Re Zenrosso Estate 2023 BCSC dealt with an issue where a conflict of interest arose with respect to a lawyer representing the sole beneficiary personally and also in the capacity of the executor at a passing of accounts where the lawyer would also be a witness. The issue was the division of fees between acting in the role of executor and being the residual beneficiary
The court held that the lawyer was in a conflict of interest and was removed as acting for the executor at the passing of the accounts.
The Code of Professional Conduct for Lawyers In British Columbia [Code] states:
2.1-3(k) A lawyer who appears as an advocate should not submit the lawyer’s own affidavit to or testify before a court or tribunal except as to purely formal or uncontroverted matters, such as the attestation or custody of a document, unless it is necessary in the interests of justice. If the lawyer is a necessary witness with respect to other matters, the conduct of the case should be entrusted to other counsel
5.2-1 A lawyer who appears as advocate must not testify or submit his or her own affidavit evidence before the tribunal unless
(a) permitted to do so by law, the tribunal, the rules of court or the rules of procedure of the tribunal;
(b) the matter is purely formal or uncontroverted; or
(c) it is necessary in the interests of justice for the lawyer to give evidence.

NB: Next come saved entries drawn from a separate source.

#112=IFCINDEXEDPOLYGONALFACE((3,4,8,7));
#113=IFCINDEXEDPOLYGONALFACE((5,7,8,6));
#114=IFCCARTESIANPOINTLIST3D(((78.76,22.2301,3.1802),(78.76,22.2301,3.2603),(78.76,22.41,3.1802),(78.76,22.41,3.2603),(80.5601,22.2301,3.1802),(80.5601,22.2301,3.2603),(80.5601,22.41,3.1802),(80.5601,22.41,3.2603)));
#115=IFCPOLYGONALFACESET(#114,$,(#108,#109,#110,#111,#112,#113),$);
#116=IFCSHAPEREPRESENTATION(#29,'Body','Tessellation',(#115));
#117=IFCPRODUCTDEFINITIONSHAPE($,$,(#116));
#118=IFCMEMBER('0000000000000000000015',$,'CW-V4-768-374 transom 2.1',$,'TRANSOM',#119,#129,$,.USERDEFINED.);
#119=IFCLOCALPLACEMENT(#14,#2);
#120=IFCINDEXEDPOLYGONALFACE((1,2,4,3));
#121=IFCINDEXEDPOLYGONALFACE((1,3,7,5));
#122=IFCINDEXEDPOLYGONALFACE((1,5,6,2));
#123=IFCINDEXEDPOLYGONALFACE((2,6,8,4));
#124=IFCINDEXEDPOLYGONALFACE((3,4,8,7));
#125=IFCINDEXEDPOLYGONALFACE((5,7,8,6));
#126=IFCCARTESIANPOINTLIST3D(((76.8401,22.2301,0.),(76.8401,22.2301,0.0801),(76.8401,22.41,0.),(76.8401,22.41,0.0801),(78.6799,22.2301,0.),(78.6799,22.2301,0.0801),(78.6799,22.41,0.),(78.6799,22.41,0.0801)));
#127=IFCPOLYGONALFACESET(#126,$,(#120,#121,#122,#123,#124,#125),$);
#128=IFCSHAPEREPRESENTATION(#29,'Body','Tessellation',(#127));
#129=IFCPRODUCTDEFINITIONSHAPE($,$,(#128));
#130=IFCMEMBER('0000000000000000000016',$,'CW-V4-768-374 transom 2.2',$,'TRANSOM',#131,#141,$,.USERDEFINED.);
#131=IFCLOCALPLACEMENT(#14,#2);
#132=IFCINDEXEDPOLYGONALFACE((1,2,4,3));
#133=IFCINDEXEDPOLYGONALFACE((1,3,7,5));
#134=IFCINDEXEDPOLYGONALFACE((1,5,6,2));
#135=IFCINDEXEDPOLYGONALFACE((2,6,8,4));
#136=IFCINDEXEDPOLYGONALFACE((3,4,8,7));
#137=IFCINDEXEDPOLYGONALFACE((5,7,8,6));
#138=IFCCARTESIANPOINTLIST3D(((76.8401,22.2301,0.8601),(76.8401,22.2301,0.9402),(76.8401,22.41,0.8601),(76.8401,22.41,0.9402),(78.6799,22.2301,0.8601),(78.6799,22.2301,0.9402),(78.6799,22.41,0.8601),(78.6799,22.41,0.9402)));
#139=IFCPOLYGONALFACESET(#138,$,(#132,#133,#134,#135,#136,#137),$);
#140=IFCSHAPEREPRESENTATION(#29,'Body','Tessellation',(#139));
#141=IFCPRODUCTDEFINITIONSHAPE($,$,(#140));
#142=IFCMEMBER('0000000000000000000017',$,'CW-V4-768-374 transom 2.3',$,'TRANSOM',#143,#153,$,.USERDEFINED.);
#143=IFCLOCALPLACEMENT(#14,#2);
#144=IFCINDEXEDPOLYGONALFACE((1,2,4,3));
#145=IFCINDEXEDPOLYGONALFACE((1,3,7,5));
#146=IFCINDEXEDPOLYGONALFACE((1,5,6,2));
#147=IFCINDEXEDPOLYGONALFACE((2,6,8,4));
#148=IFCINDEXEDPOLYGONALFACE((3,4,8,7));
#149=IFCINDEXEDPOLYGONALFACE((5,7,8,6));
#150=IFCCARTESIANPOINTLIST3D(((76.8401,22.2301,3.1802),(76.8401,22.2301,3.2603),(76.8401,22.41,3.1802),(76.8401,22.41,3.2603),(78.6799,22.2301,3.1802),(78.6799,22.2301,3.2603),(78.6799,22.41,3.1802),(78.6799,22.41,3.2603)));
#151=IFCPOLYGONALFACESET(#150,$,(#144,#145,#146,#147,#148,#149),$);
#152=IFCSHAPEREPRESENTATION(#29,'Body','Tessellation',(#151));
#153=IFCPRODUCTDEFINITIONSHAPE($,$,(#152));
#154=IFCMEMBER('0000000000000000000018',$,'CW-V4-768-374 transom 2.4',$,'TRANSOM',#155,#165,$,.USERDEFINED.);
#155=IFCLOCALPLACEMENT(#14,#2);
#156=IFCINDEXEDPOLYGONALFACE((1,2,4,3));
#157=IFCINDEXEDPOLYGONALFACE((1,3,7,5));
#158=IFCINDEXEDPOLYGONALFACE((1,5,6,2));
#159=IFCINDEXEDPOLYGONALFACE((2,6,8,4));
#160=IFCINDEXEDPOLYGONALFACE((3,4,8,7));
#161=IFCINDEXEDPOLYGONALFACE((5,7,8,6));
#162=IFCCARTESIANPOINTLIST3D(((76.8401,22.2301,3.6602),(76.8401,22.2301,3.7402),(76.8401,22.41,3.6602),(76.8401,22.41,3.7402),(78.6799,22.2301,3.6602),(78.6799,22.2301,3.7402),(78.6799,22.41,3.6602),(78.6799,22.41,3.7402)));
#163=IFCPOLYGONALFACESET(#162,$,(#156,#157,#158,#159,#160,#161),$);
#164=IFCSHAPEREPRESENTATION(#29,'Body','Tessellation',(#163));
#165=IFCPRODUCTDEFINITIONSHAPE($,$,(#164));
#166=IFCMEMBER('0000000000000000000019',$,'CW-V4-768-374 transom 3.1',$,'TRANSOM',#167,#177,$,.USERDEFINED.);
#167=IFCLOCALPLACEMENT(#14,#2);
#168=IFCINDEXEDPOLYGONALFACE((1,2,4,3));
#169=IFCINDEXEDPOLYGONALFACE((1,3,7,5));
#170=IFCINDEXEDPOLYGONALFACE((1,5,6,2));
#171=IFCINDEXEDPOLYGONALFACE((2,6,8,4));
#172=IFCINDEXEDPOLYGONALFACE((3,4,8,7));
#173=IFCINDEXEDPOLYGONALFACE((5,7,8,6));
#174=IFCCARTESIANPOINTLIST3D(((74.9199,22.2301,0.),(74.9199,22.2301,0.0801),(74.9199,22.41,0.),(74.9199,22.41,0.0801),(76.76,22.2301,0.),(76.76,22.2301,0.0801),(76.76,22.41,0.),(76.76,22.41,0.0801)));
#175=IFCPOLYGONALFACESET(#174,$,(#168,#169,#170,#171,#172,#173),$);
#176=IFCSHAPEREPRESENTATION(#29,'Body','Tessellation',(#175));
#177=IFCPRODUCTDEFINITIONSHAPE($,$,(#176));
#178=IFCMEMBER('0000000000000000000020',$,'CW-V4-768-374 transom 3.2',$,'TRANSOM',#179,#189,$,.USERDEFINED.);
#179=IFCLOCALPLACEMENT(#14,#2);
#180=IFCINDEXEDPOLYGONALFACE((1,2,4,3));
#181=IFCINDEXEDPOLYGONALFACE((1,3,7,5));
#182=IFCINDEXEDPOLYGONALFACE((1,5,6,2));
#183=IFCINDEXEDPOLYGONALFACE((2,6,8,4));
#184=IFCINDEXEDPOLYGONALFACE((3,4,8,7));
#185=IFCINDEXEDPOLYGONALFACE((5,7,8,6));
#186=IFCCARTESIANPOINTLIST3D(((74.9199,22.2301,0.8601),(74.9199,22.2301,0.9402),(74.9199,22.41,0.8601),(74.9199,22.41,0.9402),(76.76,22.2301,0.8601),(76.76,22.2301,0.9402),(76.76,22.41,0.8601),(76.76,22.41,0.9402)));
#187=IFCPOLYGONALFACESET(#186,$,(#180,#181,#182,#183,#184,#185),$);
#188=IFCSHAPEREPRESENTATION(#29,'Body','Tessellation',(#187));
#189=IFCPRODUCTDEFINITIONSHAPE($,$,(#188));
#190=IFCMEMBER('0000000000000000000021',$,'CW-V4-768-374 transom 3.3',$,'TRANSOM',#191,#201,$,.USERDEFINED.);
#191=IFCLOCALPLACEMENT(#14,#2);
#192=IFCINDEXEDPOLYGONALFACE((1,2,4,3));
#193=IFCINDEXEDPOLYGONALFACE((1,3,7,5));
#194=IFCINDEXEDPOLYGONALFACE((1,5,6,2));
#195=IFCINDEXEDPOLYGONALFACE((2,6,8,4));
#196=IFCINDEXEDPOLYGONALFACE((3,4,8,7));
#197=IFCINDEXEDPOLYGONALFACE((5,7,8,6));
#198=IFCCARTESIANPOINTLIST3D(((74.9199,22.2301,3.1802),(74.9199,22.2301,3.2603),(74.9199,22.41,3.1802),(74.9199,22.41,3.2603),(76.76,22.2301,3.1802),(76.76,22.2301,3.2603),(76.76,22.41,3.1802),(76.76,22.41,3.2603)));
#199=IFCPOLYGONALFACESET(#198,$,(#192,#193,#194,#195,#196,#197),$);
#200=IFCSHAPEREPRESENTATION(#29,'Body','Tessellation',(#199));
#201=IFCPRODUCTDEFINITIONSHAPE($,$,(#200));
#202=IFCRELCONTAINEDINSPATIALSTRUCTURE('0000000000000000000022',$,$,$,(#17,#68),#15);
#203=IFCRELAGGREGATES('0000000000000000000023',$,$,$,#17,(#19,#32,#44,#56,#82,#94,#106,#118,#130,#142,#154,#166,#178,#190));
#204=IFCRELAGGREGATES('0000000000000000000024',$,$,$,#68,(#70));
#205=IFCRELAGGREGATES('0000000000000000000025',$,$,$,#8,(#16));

A lawyer should not express personal opinions or beliefs or assert a fact that is properly subject to legal proof, cross-examination or challenge. The lawyer should not, in effect, appear as an unsworn witness or put the lawyer’s own credibility in issue. The lawyer who is a necessary witness should testify and entrust the conduct of the case to another lawyer. …
The Code is not binding on a court, but it may be persuasive as an important statement of public policy: MacDonald Estate v. Martin, 1990 S.C.R. 1235,  1 W.W.R. 705 at paras. 16 and 18.
This Court has the inherent jurisdiction to remove from the record lawyers who are in a conflict of interest: MacDonald Estate at p. 713.
Some salient factors to be considered in deciding whether to remove a lawyer of record were set out in Essa (Township) v. Guergis,  O.J. No. 2581 at para. 48.
(a) The stage of the proceedings;
(b) The likelihood that the witness will be called;
(c) The good faith (or otherwise) of the party making the application;
(d) The significance of the evidence to be led;
(e) The impact of removing counsel on the party’s right to be represented by counsel of choice;
(f) Whether trial is by judge or jury;
(g) The likelihood of a real conflict arising or that the evidence will be “tainted”;
(h) Who will call the witness; and
(i) The connection or relationship between counsel, the prospective witness and the parties involved in the litigation.
In Elkay Management Inc. v. Law Studio Professional Corporation, 2021 ONSC 3181 at para. 18, the Ontario Superior Court of Justice provided additional principles to consider on a motion to remove a lawyer of record who may be a witness at trial, in particular (internal citations omitted):
(v) The court’s concern of a lawyer appearing as a witness is that (i) there may be a conflict of interest between the lawyer and client and (ii) the administration of justice can be impaired by a conflict between the lawyer’s obligations of objectivity and detachment which are owed to the court and the lawyer’s obligation to his or her client to present evidence in as favourable a light as possible. …
(xi) If there is some doubt or “merely a potential” that a lawyer will be called as a witness at trial, the courts should be more generous in allowing the lawyer to remain on the record and deferring the matter until after discoveries or leaving the matter to the trial judge…
(xii) “In view of the expense of litigation and the enormous waste of time and money and the substantial delay which can result from an order removing solicitors, courts should only do so in clear cases”…
(xiv) Certainty that a lawyer will be called as a witness is not required. Rather, the court must consider the likelihood of the lawyer being called as a witness…
At para. 15 of Webb v. Attewell (October 4, 1994) Vancouver A013381/CA13480 (B.C.C.A.), cited in Fraresso v. Wanczyk, 1995 CanLII 1127 (B.C.S.C.) at para. 7:
The law does not forbid a barrister appearing for his client because he has given, or may have to give, evidence. The rule of professional practice is that he or she ought not to do so when doing so may put the court in an invidious position. The court is in an invidious position when counsel gives evidence on a contested issue. When counsel does that, he or she is also in the embarrassing position of inviting the court to accept counsel’s evidence rather than that of another witness.